The AFF4 scaffold binds human P-TEFb adjacent to HIV Tat
Ursula Schulze-Gahmen,
Heather Upton,
Andrew Birnberg,
Katherine Bao,
Seemay Chou,
Nevan J Krogan,
Qiang Zhou,
Tom Alber
Affiliations
Ursula Schulze-Gahmen
Department of Molecular and Cell Biology, University of California, Berkeley, Berkeley, United States
Heather Upton
Department of Molecular and Cell Biology, University of California, Berkeley, Berkeley, United States
Andrew Birnberg
Department of Molecular and Cell Biology, University of California, Berkeley, Berkeley, United States
Katherine Bao
Department of Molecular and Cell Biology, University of California, Berkeley, Berkeley, United States
Seemay Chou
Department of Molecular and Cell Biology, University of California, Berkeley, Berkeley, United States
Nevan J Krogan
Department of Cellular and Molecular Pharmacology, University of California, San Francisco, San Francisco, United States; California Institute for Quantitative Biosciences, QB3, Berkeley, United States; J David Gladstone Institutes, San Francisco, United States
Qiang Zhou
Department of Molecular and Cell Biology, University of California, Berkeley, Berkeley, United States
Tom Alber
Department of Molecular and Cell Biology, University of California, Berkeley, Berkeley, United States; California Institute for Quantitative Biosciences, QB3, Berkeley, United States
Human positive transcription elongation factor b (P-TEFb) phosphorylates RNA polymerase II and regulatory proteins to trigger elongation of many gene transcripts.
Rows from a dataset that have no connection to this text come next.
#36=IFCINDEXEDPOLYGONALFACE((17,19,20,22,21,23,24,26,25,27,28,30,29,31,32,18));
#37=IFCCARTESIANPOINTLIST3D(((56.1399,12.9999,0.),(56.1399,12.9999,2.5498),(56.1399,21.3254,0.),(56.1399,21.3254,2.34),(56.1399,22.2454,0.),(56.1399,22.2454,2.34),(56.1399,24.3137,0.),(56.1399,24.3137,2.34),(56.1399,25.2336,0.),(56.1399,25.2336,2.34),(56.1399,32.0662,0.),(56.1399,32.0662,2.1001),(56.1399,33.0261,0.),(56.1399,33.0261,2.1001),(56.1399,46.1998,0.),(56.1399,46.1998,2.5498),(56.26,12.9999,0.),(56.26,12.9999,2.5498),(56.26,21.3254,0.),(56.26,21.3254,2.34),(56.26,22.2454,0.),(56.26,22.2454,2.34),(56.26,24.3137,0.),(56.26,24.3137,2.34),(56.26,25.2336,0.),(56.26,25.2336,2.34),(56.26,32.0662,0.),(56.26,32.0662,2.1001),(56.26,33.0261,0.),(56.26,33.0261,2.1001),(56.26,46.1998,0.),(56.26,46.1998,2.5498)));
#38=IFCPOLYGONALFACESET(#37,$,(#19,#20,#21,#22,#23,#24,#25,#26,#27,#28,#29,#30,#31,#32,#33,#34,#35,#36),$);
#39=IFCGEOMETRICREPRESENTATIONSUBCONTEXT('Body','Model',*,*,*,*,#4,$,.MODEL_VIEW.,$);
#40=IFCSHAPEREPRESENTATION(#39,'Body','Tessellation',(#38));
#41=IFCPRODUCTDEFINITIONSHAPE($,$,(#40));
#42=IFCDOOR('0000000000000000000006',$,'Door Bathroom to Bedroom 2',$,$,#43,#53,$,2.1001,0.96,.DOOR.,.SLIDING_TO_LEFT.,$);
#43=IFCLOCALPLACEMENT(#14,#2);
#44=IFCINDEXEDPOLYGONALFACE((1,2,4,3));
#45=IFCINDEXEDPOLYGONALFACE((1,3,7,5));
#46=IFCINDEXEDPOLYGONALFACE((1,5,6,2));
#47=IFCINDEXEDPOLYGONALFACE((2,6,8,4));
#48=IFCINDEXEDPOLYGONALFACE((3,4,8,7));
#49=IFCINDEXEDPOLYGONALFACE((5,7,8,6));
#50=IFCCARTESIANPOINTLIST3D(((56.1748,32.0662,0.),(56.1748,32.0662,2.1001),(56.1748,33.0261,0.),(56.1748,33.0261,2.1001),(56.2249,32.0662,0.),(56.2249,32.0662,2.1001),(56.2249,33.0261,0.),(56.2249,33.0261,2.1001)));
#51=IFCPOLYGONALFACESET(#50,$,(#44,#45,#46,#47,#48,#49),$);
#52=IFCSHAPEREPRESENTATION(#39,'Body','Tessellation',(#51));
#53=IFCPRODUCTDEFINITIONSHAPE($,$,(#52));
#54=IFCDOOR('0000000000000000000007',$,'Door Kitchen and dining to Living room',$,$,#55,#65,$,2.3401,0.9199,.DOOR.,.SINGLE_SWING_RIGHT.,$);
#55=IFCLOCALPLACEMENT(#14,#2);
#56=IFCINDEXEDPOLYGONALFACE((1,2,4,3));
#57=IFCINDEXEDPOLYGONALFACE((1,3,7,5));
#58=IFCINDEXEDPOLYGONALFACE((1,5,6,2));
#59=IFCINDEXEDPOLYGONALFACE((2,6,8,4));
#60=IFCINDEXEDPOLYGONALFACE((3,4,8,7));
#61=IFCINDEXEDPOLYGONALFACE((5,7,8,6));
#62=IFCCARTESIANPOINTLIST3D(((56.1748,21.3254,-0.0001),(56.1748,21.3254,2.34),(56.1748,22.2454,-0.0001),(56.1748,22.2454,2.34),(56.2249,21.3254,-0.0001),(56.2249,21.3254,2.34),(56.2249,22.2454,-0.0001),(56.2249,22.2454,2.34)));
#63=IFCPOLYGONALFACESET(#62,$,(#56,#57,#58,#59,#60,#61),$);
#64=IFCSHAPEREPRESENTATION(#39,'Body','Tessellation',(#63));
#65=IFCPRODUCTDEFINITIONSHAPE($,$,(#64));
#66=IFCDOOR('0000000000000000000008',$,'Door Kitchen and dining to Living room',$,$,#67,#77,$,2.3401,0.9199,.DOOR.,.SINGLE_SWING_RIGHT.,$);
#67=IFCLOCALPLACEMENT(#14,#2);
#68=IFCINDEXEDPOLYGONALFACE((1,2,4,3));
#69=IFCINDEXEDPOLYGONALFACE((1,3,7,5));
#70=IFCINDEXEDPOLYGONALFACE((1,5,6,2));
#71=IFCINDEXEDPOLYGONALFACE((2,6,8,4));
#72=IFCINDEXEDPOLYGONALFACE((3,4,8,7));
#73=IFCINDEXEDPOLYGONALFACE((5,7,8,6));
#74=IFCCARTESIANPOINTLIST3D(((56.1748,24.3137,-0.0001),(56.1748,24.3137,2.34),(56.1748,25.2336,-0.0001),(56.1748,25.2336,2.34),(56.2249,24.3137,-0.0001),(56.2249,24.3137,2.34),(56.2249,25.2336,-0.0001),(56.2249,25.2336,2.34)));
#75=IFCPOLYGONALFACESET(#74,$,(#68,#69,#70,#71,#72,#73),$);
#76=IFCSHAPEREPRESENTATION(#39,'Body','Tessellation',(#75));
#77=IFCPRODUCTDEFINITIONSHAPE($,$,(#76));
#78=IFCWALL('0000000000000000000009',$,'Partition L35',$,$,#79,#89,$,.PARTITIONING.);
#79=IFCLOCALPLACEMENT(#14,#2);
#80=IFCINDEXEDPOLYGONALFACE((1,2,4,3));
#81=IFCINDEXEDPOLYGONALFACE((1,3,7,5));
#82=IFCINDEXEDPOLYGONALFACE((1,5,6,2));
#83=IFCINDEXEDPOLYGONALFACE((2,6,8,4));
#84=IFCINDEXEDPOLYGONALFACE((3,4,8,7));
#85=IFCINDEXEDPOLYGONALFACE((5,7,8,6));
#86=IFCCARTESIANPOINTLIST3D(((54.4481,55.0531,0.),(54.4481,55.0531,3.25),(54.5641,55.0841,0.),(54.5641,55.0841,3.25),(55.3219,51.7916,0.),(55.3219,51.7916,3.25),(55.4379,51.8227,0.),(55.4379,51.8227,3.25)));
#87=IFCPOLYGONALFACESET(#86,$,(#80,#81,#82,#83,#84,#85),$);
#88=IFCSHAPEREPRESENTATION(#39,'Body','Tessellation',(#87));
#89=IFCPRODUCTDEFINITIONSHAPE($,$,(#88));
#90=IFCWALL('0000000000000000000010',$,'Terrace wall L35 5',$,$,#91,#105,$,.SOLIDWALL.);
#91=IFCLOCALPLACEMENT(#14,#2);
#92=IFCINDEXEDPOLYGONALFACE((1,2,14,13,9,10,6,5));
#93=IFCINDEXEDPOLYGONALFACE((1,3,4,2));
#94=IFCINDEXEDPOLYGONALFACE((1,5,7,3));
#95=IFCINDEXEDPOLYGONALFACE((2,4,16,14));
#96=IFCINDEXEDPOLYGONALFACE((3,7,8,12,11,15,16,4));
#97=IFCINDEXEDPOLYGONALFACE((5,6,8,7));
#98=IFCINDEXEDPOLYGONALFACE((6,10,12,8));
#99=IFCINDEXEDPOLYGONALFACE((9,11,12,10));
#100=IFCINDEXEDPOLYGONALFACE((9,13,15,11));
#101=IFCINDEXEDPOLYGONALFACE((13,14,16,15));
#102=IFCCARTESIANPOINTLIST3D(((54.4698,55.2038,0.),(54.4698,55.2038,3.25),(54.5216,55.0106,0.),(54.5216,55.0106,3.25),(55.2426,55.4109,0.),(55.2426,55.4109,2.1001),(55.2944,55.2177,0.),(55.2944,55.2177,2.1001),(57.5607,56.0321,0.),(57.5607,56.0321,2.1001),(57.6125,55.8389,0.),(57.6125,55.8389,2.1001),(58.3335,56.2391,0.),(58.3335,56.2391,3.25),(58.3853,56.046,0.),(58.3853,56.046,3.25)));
The HIV-1 Tat protein selectively recruits P-TEFb as part of a super elongation complex (SEC) organized on a flexible AFF1 or AFF4 scaffold. To understand this specificity and determine if scaffold binding alters P-TEFb conformation, we determined the structure of a tripartite complex containing the recognition regions of P-TEFb and AFF4. AFF4 meanders over the surface of the P-TEFb cyclin T1 (CycT1) subunit but makes no stable contacts with the CDK9 kinase subunit. Interface mutations reduced CycT1 binding and AFF4-dependent transcription. AFF4 is positioned to make unexpected direct contacts with HIV Tat, and Tat enhances P-TEFb affinity for AFF4. These studies define the mechanism of scaffold recognition by P-TEFb and reveal an unanticipated intersubunit pocket on the AFF4 SEC that potentially represents a target for therapeutic intervention against HIV/AIDS.